Bürger „kallen Platt“ im Museum
Zum ersten Mal kam gestern der Gesprächskreis Platt im Niederbergischen Museum zusammen. Daraus könnte sich ein regelmäßiges Treffen entwickeln.
Wülfrath. Wer spricht heute eigentlich noch richtig Platt? Und wo findet man einen Gesprächspartner, wenn man das tun möchte? Im Niederbergischen Museum haben sich gestern Interessierte zusammengesetzt und den ersten Gesprächskreis Bergisches Platt abgehalten. Wenn das Interesse bestehen bleibt, könnte es Folgeveranstaltungen geben.
Die Idee für den Gesprächskreis kam Eberhard Tiso, Vorsitzender des Trägervereins Niederbergisches Museum, im Advent. Denn da fand schon einmal ein Treffen für Platt-Interessierte statt. Schon bei der Jahresversammlung im Februar hatte er ein erneutes Treffen angekündigt und versucht auszuloten, wie groß das Interesse ist. Von der Besucherzahl ist er gestern dann doch überrascht. „Ich bin erstaunt, dass so viele gekommen sind“, sagt Tiso. So viele, das heißt in diesem Fall etwas mehr als 20 Personen.
Und die haben unterschiedliche Erwartungen an das Zusammentreffen. Anne Thelen zum Beispiel ist aus Heiligenhaus gekommen. Sie vermisst bislang ein Treffen wie dieses. „Hier in der Umgebung gibt es überhaupt keine Gelegenheit, sich zum Platt kallen zu treffen“, sagt sie. Dabei mache es viel Spaß, sich so zu unterhalten. Die kleinen Unterschiede zwischen dem Platt, das in Heiligenhaus gesprochen wird, und dem aus Wülfrath sieht sie nicht als Hindernis.
Helga Kintzel sieht das ähnlich. „Mit wem kann man sich denn schon auf Platt unterhalten?“, fragt sie. Die vielen jüngeren Leute verstehen den Dialekt kaum noch. Ihr Sohn habe als Kind nur Platt gesprochen — bis er in die Schule kam. Da war Hochdeutsch gefragt.
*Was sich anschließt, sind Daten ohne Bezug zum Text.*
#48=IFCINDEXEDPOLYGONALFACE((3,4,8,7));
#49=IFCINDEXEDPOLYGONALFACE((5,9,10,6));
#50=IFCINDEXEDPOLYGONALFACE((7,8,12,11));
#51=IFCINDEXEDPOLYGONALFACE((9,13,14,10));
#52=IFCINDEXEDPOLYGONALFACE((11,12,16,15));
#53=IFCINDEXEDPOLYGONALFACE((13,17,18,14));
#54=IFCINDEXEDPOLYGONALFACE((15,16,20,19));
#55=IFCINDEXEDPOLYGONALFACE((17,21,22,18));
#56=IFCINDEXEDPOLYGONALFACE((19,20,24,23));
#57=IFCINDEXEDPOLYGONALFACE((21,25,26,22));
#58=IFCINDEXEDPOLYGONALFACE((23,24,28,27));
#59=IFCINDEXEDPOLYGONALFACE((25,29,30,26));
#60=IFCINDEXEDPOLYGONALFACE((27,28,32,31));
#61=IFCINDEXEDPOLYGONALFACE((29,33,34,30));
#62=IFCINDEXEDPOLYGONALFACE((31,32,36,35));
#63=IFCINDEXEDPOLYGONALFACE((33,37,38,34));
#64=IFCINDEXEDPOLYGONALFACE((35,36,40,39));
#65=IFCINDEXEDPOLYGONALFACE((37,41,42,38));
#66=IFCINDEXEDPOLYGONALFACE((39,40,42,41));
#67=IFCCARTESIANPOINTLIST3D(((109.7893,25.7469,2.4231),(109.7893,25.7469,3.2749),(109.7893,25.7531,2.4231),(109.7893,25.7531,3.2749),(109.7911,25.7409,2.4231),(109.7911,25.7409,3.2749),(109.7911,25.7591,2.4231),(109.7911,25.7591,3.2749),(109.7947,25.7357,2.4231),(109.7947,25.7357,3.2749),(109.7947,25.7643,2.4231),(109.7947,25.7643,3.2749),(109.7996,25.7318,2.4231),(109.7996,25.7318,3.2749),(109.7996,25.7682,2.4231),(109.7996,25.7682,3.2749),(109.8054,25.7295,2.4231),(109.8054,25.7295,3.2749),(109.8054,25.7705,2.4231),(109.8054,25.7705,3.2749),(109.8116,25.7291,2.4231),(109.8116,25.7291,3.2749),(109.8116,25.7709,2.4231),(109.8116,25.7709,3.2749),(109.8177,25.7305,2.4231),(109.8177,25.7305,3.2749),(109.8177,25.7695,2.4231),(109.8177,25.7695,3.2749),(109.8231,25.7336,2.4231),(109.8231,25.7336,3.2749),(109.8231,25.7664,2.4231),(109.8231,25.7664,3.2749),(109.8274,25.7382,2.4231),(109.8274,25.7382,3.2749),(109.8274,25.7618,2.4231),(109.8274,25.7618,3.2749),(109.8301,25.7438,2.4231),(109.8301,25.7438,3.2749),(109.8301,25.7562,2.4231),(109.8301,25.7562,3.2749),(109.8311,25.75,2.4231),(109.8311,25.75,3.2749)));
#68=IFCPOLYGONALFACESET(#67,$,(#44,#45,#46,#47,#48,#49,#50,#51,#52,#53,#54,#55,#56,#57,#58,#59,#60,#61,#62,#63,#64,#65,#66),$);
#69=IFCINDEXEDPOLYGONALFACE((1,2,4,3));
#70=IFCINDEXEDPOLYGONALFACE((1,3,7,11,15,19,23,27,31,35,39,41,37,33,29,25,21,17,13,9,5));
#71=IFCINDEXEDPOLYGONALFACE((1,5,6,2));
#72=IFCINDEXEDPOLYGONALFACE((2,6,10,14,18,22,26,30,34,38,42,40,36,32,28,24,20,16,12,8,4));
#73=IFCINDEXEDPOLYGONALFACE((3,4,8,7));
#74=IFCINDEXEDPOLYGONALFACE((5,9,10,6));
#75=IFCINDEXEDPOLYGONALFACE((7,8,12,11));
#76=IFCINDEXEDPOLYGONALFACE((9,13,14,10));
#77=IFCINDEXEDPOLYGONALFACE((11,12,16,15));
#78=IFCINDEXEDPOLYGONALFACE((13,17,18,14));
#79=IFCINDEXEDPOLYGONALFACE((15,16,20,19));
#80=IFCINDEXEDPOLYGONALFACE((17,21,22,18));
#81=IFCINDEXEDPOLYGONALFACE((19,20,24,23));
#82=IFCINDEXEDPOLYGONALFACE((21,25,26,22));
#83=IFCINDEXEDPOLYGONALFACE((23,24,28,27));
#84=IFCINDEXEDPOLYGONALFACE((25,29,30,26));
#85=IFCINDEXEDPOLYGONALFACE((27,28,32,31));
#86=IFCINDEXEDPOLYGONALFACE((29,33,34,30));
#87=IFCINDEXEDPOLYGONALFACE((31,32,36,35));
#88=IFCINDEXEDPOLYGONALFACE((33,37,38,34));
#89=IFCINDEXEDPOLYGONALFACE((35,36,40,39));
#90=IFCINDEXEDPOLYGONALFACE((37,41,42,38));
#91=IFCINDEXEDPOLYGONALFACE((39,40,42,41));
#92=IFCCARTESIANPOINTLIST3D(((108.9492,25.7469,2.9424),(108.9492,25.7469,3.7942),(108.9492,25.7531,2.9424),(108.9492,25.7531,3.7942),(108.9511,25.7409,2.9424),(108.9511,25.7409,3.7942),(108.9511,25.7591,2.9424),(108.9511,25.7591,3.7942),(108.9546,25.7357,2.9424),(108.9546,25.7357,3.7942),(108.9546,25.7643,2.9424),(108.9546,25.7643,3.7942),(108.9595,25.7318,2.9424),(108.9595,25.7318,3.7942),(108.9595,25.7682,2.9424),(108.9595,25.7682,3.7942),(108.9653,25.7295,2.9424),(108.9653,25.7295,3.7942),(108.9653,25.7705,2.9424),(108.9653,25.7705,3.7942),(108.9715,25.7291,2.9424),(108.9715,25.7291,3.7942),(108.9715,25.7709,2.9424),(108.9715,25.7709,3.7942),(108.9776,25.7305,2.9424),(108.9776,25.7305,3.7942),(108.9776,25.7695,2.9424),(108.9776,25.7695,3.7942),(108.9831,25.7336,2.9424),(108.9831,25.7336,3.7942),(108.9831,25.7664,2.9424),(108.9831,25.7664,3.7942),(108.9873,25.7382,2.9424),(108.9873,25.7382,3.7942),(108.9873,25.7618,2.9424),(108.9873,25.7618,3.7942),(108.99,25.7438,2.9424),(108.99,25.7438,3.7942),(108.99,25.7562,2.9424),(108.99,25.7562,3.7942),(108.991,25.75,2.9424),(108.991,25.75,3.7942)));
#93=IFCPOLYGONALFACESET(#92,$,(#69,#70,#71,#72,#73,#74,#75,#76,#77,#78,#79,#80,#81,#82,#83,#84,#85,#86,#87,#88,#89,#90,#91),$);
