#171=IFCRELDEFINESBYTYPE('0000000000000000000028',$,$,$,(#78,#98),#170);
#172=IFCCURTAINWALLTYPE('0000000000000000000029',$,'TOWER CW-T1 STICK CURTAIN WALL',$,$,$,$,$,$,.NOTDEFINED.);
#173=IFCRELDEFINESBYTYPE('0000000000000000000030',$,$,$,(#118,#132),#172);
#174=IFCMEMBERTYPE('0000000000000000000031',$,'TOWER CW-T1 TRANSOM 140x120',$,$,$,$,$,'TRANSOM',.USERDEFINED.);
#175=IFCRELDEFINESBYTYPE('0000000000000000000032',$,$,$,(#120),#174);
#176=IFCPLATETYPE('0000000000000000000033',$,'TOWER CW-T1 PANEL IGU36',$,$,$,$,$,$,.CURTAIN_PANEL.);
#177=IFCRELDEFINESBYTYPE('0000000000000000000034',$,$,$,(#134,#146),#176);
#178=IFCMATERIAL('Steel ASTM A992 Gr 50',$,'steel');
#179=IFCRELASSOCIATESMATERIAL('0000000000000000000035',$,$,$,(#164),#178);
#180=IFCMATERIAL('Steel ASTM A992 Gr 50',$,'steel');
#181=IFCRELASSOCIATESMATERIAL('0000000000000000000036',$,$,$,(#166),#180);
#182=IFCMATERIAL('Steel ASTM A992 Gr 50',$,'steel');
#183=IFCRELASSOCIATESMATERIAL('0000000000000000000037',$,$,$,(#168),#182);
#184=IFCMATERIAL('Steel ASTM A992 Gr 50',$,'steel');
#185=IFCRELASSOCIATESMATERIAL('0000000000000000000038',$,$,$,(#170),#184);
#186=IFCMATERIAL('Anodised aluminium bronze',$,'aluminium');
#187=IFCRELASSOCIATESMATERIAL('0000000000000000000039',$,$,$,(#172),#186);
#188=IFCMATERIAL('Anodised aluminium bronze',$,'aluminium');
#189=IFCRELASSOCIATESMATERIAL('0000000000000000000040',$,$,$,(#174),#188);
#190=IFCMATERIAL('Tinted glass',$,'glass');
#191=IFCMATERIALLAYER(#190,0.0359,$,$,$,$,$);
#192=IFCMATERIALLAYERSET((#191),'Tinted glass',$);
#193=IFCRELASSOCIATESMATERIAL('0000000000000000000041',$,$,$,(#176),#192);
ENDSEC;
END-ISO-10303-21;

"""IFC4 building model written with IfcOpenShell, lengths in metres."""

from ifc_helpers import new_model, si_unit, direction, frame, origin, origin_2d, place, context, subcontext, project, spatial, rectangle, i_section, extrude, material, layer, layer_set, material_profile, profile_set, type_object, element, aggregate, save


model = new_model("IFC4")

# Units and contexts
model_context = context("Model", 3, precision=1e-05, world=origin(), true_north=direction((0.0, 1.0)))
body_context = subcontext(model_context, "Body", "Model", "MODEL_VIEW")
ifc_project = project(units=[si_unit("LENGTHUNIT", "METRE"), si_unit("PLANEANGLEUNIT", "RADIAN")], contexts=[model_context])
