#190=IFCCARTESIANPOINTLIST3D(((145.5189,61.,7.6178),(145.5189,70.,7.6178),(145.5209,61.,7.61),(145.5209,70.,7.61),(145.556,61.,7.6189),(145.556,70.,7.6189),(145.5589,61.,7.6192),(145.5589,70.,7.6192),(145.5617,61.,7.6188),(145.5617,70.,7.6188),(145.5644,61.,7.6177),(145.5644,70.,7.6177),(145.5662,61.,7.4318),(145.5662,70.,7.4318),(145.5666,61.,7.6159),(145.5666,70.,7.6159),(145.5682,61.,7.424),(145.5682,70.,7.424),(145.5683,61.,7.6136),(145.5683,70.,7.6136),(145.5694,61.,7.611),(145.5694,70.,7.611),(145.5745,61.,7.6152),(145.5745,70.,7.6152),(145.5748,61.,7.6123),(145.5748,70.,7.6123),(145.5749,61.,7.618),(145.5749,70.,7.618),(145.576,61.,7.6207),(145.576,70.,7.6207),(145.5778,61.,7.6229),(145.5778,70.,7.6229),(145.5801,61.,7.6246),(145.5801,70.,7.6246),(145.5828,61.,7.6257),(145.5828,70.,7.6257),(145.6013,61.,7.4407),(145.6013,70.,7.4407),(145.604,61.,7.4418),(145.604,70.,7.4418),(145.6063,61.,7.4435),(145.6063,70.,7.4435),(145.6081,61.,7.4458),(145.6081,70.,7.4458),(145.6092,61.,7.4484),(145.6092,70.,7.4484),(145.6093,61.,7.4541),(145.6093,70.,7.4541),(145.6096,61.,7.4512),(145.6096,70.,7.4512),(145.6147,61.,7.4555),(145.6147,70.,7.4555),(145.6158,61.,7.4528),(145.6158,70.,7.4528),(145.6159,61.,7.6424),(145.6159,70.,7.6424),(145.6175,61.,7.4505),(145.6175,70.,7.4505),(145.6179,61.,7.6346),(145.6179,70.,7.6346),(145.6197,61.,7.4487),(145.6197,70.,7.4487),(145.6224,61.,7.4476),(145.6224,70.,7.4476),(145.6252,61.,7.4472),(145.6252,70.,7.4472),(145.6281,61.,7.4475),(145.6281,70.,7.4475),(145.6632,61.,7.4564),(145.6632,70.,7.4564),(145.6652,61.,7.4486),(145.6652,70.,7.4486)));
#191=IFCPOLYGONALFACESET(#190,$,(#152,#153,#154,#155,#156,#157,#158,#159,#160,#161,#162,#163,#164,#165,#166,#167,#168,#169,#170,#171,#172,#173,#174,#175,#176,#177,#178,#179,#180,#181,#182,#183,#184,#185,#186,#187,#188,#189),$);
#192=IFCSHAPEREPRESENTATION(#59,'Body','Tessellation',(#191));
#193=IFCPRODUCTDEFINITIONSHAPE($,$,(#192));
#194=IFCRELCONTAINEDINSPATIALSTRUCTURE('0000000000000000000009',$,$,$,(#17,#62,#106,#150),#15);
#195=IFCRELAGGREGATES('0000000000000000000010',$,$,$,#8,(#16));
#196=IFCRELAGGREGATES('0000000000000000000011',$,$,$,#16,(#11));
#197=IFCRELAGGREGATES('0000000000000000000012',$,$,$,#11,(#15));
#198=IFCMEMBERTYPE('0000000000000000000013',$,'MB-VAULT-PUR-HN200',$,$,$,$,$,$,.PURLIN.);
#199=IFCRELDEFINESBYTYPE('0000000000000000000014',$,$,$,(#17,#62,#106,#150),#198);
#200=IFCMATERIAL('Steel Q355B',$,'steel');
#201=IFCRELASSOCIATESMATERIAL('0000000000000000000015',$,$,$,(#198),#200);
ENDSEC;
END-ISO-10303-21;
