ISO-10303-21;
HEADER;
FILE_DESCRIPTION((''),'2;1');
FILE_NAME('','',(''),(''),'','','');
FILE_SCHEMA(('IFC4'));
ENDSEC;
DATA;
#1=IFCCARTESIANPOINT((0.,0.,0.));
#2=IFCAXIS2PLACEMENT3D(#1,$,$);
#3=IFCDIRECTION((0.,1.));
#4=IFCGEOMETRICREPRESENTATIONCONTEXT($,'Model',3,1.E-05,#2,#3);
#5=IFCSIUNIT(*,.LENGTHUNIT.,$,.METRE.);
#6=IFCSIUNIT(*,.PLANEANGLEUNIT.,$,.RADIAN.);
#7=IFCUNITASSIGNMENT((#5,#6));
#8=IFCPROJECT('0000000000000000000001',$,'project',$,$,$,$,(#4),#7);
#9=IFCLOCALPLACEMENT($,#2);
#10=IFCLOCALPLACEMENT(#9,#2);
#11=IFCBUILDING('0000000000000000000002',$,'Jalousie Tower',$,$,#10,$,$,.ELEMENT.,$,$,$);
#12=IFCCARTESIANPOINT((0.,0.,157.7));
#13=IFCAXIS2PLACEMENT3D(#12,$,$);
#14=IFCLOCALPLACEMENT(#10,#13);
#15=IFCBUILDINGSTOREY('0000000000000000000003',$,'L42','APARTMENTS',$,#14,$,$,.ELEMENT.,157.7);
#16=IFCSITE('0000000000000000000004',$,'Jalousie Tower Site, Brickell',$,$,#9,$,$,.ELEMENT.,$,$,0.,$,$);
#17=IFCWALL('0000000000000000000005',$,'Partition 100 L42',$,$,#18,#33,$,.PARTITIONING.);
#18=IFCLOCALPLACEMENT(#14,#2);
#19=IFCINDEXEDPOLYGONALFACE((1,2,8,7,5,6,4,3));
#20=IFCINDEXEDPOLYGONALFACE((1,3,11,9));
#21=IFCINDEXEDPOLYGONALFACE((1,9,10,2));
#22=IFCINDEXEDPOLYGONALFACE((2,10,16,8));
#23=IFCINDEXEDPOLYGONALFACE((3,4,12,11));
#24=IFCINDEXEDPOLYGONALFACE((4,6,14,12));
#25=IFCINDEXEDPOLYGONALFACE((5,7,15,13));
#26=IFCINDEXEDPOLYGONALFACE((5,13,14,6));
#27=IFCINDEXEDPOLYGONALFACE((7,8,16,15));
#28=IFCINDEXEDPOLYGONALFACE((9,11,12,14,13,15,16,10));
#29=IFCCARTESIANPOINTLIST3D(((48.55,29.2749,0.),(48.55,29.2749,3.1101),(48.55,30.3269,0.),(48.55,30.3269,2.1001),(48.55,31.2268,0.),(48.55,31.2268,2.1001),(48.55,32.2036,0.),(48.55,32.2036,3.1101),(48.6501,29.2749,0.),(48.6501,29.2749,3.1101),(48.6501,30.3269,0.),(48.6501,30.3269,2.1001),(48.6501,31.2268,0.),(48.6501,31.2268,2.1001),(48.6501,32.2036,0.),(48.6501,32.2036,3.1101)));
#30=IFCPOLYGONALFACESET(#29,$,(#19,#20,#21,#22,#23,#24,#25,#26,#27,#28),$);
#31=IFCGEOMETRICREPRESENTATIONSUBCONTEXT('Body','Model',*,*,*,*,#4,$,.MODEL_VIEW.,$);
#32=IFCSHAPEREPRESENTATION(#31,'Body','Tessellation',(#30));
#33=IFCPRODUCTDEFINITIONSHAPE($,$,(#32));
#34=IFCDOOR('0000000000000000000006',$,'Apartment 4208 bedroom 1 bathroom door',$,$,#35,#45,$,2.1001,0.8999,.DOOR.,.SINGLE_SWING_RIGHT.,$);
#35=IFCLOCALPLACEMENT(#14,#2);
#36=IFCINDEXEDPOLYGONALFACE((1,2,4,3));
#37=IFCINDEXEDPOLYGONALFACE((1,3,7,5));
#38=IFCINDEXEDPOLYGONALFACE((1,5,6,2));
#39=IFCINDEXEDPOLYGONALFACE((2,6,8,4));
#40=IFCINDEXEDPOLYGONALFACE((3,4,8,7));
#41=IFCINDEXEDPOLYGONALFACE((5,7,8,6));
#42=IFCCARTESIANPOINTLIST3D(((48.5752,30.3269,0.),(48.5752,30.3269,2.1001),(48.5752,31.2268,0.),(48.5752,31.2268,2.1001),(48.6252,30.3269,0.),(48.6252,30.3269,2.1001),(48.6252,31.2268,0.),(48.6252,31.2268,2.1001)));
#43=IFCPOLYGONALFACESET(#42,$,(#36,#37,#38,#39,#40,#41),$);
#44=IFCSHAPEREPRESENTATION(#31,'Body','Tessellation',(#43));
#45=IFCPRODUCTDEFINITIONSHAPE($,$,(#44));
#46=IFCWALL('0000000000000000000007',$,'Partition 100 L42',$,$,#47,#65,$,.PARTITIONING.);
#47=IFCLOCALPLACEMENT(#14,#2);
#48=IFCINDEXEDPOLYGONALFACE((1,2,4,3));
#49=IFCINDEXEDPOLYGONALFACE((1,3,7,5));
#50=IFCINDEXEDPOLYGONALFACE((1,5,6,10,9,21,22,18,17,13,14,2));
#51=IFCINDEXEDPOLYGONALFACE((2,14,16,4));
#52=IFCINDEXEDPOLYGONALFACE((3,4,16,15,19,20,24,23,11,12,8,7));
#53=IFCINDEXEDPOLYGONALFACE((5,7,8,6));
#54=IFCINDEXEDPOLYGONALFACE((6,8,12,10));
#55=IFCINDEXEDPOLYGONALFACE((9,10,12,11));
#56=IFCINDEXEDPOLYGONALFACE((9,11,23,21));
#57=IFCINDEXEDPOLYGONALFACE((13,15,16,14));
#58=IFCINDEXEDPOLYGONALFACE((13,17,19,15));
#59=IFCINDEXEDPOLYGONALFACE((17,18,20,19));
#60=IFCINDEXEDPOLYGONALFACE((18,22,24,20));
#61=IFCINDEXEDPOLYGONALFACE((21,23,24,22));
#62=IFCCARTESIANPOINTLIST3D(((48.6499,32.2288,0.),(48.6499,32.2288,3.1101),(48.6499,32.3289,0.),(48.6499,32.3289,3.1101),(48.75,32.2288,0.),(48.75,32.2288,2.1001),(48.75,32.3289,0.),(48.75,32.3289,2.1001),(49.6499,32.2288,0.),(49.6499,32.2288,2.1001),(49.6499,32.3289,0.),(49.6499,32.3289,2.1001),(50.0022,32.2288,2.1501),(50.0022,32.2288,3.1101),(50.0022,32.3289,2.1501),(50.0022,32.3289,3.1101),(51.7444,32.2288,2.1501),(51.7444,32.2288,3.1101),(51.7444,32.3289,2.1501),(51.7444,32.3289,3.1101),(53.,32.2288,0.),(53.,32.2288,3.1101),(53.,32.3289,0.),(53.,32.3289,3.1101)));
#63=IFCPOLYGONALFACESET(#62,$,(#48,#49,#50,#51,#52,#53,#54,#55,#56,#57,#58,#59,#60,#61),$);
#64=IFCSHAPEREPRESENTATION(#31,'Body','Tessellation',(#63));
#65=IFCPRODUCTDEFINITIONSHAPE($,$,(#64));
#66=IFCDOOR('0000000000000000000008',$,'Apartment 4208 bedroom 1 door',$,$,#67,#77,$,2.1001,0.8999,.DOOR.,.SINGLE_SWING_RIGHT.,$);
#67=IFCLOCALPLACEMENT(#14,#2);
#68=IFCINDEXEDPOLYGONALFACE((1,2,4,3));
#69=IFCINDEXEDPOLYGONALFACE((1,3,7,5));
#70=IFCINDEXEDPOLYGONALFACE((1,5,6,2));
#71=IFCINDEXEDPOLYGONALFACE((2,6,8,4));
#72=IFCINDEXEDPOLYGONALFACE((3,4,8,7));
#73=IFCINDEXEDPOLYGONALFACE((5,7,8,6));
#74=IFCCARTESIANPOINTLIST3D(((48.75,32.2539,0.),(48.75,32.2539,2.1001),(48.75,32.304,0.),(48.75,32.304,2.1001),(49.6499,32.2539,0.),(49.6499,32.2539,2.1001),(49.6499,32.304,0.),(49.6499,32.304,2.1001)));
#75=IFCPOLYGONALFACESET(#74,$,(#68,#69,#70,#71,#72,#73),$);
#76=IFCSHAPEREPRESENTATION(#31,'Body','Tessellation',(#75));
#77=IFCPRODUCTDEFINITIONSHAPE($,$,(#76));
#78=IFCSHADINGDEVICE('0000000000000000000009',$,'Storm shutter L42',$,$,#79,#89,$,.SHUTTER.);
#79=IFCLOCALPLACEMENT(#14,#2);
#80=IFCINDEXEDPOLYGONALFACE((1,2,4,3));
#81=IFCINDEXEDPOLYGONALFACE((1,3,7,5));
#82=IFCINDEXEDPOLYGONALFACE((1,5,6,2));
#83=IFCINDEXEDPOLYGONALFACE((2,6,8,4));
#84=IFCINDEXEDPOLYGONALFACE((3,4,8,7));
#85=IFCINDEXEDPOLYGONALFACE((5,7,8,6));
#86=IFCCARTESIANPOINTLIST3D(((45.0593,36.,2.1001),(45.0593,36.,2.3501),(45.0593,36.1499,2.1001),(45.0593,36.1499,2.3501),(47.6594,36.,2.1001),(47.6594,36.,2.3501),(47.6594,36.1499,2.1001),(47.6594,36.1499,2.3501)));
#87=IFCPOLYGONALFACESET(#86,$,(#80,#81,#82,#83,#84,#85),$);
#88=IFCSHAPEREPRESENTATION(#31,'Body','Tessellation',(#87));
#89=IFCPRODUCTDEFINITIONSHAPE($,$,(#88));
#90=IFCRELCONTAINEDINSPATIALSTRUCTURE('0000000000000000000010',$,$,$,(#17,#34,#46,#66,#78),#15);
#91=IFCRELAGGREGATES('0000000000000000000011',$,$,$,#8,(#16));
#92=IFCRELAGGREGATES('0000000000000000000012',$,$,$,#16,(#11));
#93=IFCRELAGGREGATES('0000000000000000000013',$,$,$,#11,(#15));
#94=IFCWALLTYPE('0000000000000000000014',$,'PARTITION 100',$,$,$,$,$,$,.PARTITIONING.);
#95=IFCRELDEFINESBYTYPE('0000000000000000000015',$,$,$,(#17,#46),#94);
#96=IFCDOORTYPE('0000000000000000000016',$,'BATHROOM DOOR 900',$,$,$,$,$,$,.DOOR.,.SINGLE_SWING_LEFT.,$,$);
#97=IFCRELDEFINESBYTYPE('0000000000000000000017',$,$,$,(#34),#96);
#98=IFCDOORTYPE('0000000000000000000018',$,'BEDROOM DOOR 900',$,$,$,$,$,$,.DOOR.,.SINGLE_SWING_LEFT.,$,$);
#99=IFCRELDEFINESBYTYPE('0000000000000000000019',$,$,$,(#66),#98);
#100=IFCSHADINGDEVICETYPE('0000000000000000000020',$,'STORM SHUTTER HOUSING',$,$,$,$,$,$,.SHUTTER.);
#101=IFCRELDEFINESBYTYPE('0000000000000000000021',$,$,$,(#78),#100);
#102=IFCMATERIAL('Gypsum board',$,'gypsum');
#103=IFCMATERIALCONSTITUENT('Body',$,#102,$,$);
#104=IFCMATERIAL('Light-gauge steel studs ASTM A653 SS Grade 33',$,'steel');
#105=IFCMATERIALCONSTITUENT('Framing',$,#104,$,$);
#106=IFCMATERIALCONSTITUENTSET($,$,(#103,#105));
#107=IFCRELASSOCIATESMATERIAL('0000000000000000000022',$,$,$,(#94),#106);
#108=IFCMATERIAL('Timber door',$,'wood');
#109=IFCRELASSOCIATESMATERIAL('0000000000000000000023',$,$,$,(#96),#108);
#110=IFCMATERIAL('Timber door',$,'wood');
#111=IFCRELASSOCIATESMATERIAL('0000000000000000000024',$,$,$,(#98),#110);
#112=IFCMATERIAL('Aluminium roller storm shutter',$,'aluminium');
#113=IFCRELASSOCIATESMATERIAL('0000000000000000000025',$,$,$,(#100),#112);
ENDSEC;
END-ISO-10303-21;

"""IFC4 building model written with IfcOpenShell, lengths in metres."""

from ifc_helpers import new_model, si_unit, direction, frame, frame_2d, origin, origin_2d, place, context, subcontext, project, spatial, polyline, rectangle, outline, extrude, material, constituent, constituent_set, type_object, element, fill, save


model = new_model("IFC4")

# Units and contexts
model_context = context("Model", 3, precision=1e-05, world=origin(), true_north=direction((0.0, 1.0)))
body_context = subcontext(model_context, "Body", "Model", "MODEL_VIEW")
ifc_project = project(units=[si_unit("LENGTHUNIT", "METRE"), si_unit("PLANEANGLEUNIT", "RADIAN")], contexts=[model_context])

# Site, building, storey
site_placement = place(None, origin())
site = spatial("IfcSite", under=ifc_project, at=site_placement, Name="Jalousie Tower Site, Brickell", CompositionType="ELEMENT", RefElevation=0.0)
building_placement = place(site_placement, origin())
building = spatial("IfcBuilding", under=site, at=building_placement, Name="Jalousie Tower", CompositionType="ELEMENT")
storey_placement = place(building_placement, frame((0.0, 0.0, 157.7)))
storey = spatial("IfcBuildingStorey", under=building, at=storey_placement, Name="L42", Description="APARTMENTS", CompositionType="ELEMENT", Elevation=157.7)

# Walls, openings, doors
ifc_material_1 = material(Name="Gypsum board", Category="gypsum")
ifc_constituent_1 = constituent(ifc_material_1, Name="Body")
ifc_material_2 = material(Name="Light-gauge steel studs ASTM A653 SS Grade 33", Category="steel")
ifc_constituent_2 = constituent(ifc_material_2, Name="Framing")
ifc_constituent_set_1 = constituent_set(constituents=[ifc_constituent_1, ifc_constituent_2])
wall_type_1 = type_object("IfcWallType", Name="PARTITION 100", PredefinedType="PARTITIONING", material=ifc_constituent_set_1)
wall_1_placement = place(storey_placement, frame((48.6001, 32.2036, 0.0), z_axis=(0.0, 0.0, 1.0), x_axis=(0.0, -1.0, 0.0)))
wall_1 = element("IfcWall", 1, at=wall_1_placement, inside=storey, type_object=wall_type_1, Name="Partition 100 L42", PredefinedType="PARTITIONING", context=body_context, shape_type="SweptSolid", body=[
    extrude(rectangle(XDim=2.9287, YDim=0.1001, at=frame_2d((1.4644, 0.0))), origin(), (0.0, 0.0, 1.0), 3.1101),
])
opening_1_placement = place(wall_1_placement, frame((0.9768, 0.0, 0.0)))
opening_1 = element("IfcOpeningElement", 2, at=opening_1_placement, cuts=wall_1, PredefinedType="OPENING", context=body_context, shape_type="SweptSolid", body=[
    extrude(rectangle(XDim=0.8999, YDim=2.1001, at=frame_2d((0.45, 1.05))), frame((0.0, 0.0601, 0.0), z_axis=(0.0, -1.0, 0.0), x_axis=(1.0, 0.0, 0.0)), (0.0, 0.0, 1.0), 0.1201),
])
ifc_material_3 = material(Name="Timber door", Category="wood")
Auch Severin Robert Kahl findet, es lohnt sich, die Sprache zu pflegen. Dabei ist er eigentlich Düsseldorfer und will beim ersten Treffen vor allem zuhören und herausfinden, ob seine Sprache dazu passt. Denn Düsseldorfer Platt beherrscht er von A bis Z, wie er sagt. „Schon die Satzbildung ist im Platt ganz anders als im Hochdeutschen“, sagt er. Praktisch niemand werde da mit Sie angesprochen. Und außerdem gebe es nur „mich“ und nicht „mir“. Auch der Unterschied zwischen Stadt und Land sei groß.
In der großen Runde werden die unterschiedlichen Erwartungen diskutiert. Einer aus der Gruppe hofft auf eine Art Platt-Lehrer. „Der uns auch erklärt, wenn wir was falsch aussprechen oder der mal übersetzen kann“, sagt er. Denn nicht jeder am Tisch ist geübt im Platt. Ein paar erinnern sich nur grob an die Sprache aus ihrer Kindheit, haben zwischendurch weit weg gewohnt oder wenig Kontakt zu Platt-Sprechern gehabt.
Eberhard Tiso ist offen für solche Vorschläge. Er hofft aber, dass die künftigen Treffen in Eigenregie stattfinden. „Es wäre schön, wenn sich jemand findet, der das Ruder übernimmt“, sagt er. Er sieht sich nur als Anstoßgeber. Da er selbst kein Platt spricht, will er die Organisation für den Gesprächskreis aber lieber abgeben. Das Ziel sei, die Sprache aus der Tiefe zu holen und bei gemeinsamen Treffen wieder zu beleben. Zur Einstimmung tragen beim Gesprächskreis mehrere Besucher Gedichte und andere Texte vor — unter anderem von Heimatdichter Carl Schmachtenberg.